Each May for over three decades, avian influenza A viruses (IAVs) have been isolated from shorebirds and gulls (order Charadriiformes) at Delaware Bay (DE Bay), USA, which is a critical stopover site for shorebirds on their spring migration to arctic breeding grounds. At DE Bay, most isolates have been recovered from ruddy turnstones (Arenaria interpres), but it is unknown if this species is involved in either the maintenance or movement of these viruses outside of this site. We collected and tested fecal samples from 2823 ruddy turnstones in Florida and Georgia in the southeastern United States during four winter/spring sample periods—2010, 2011, 2012, and 2013—and during the winters of 2014/2015 and 2015/2016. Twenty-five low pathogenicity IAVs were recovered representing five subtypes (H3N4, H3N8, H5N9, H6N1, and H12N2).
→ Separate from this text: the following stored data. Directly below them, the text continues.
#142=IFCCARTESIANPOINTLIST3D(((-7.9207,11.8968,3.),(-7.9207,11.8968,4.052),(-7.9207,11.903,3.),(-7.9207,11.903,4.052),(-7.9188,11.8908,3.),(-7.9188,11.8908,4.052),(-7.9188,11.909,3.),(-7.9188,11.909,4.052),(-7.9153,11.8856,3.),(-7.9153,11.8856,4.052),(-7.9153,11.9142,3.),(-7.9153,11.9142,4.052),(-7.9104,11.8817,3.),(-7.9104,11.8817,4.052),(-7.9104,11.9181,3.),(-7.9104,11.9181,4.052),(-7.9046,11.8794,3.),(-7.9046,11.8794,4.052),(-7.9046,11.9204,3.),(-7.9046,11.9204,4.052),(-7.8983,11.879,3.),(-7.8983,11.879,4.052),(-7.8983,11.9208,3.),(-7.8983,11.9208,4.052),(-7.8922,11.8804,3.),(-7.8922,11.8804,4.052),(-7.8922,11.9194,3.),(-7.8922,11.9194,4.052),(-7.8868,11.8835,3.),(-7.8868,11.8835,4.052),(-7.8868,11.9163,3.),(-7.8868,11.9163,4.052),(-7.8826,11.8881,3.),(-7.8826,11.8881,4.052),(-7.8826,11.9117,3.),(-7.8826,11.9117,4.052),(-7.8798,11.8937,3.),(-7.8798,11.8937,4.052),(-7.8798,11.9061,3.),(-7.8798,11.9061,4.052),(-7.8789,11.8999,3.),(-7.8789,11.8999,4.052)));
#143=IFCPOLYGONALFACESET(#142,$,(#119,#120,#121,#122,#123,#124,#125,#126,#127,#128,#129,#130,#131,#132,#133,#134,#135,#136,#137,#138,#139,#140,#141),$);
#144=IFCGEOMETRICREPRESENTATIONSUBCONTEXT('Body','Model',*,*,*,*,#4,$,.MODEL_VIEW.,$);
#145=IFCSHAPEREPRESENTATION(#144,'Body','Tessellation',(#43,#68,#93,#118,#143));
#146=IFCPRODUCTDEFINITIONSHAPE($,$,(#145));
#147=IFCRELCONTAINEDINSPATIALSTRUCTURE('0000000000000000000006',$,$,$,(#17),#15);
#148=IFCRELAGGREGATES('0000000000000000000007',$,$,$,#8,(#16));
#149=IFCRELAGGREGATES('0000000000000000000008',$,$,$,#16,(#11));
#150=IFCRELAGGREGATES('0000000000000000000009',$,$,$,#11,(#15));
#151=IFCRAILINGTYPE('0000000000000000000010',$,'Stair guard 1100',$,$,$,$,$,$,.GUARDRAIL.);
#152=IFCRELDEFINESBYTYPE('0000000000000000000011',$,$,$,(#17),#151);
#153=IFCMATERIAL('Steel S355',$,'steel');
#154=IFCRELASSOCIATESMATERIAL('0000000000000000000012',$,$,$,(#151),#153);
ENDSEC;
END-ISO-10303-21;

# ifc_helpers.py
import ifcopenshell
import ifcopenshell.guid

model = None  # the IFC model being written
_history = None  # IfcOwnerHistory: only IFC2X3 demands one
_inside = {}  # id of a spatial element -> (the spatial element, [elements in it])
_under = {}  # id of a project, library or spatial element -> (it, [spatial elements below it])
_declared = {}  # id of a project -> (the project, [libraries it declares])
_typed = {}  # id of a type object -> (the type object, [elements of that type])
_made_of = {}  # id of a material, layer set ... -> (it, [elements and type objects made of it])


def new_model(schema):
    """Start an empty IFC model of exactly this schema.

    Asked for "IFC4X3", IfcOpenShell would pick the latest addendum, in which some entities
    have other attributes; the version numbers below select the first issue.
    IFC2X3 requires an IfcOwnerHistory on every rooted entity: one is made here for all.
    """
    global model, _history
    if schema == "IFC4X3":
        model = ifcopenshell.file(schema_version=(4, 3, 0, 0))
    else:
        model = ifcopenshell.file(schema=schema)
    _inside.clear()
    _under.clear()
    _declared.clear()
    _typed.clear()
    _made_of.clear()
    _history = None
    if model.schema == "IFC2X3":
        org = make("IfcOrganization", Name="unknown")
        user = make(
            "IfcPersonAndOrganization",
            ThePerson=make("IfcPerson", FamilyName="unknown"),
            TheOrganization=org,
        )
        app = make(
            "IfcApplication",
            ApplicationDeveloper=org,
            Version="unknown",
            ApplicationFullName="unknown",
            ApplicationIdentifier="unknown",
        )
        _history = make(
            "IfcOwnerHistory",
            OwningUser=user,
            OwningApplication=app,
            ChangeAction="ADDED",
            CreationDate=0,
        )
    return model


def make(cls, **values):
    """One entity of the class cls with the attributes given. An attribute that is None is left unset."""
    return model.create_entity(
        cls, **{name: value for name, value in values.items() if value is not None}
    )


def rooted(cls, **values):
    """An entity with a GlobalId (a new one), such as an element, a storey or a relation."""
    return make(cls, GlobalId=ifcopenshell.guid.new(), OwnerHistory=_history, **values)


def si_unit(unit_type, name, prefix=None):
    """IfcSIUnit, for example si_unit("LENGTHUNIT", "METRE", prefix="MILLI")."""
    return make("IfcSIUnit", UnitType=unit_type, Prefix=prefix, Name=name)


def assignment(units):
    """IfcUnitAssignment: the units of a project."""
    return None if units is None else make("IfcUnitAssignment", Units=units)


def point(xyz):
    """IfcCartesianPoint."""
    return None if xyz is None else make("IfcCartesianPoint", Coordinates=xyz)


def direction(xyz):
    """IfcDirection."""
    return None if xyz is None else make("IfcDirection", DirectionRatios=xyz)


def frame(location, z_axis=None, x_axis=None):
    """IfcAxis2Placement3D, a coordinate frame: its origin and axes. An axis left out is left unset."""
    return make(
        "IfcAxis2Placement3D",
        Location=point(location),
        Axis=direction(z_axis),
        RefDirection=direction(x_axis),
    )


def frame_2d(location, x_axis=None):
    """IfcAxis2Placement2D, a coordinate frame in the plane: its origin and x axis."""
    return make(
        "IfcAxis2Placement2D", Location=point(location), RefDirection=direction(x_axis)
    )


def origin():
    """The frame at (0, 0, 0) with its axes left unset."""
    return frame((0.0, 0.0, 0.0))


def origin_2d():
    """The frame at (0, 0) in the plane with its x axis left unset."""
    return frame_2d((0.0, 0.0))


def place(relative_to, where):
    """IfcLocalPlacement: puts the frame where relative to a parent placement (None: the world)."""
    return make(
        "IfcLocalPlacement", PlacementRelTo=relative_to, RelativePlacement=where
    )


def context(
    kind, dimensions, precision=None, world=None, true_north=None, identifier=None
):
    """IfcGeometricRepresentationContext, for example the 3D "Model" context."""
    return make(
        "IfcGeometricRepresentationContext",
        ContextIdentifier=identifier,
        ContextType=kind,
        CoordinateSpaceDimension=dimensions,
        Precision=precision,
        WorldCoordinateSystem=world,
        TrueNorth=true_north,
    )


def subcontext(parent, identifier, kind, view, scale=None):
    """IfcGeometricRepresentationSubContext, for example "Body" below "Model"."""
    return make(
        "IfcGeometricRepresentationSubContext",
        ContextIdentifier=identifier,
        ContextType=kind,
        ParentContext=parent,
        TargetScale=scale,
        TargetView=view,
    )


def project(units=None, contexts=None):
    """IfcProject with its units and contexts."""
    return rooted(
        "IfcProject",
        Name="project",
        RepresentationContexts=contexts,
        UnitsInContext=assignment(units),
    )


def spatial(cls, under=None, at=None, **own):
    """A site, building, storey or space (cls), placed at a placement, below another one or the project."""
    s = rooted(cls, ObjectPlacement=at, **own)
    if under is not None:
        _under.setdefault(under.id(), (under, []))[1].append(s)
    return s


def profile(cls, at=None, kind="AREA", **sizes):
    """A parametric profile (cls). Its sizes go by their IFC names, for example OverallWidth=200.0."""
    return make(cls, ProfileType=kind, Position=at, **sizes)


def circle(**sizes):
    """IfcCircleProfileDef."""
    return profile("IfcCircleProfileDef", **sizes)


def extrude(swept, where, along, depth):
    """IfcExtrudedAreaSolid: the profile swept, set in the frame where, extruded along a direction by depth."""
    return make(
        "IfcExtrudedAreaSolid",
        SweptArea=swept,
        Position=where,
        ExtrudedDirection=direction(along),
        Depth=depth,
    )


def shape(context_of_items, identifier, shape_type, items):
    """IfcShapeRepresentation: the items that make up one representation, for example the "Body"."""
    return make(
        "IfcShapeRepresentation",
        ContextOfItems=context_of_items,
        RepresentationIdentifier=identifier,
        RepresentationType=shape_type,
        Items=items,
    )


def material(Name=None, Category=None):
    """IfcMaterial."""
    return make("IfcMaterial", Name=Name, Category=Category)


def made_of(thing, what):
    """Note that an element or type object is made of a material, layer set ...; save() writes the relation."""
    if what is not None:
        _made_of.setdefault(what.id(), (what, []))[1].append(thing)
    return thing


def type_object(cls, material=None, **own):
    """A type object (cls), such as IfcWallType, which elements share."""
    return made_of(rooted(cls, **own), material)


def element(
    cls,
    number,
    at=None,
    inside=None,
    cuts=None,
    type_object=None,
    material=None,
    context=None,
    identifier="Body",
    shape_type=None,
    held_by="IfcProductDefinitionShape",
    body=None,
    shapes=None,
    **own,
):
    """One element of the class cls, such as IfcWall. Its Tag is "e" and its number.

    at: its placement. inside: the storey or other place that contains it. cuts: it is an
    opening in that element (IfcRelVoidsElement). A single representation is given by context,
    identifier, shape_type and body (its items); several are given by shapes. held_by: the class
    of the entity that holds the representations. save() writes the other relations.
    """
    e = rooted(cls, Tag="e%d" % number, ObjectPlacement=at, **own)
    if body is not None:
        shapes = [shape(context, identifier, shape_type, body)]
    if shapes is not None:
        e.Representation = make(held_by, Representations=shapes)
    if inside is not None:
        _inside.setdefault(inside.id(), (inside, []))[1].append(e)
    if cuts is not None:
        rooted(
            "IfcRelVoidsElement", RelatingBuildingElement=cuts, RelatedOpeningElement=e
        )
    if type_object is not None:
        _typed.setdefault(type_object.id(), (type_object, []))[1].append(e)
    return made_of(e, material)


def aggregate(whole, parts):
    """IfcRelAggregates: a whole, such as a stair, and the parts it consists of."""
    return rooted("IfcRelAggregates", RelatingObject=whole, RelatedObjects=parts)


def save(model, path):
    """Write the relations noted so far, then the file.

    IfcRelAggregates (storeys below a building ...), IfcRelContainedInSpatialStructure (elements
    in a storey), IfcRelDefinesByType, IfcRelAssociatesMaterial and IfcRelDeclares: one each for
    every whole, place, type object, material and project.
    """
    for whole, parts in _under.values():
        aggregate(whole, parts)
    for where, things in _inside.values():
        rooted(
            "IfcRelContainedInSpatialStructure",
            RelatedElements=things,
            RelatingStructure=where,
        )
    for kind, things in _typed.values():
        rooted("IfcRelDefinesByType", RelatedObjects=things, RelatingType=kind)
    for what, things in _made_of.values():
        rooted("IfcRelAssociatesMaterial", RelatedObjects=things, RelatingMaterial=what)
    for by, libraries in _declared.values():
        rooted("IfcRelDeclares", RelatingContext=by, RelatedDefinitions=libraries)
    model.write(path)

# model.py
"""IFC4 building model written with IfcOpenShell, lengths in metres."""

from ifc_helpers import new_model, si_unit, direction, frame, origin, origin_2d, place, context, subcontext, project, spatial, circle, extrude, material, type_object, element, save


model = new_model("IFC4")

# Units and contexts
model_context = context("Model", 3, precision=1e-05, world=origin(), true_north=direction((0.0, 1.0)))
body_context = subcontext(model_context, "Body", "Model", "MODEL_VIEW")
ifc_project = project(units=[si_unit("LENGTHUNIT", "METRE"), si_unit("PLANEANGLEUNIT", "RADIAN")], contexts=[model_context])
Many of these subtypes matched those recovered at DE Bay during the previous year or that year’s migratory cycle, suggesting that IAVs present on these southern wintering areas represent a source of virus introduction to DE Bay via migrating ruddy turnstones. Analyses of all IAV gene segments of H5N9 and H6N1 viruses recovered from ruddy turnstones at DE Bay during May 2012 and from the southeast during the spring of 2012 revealed a high level of genetic relatedness at the nucleotide level, suggesting that migrating ruddy turnstones move IAVs from wintering grounds to the DE Bay ecosystem.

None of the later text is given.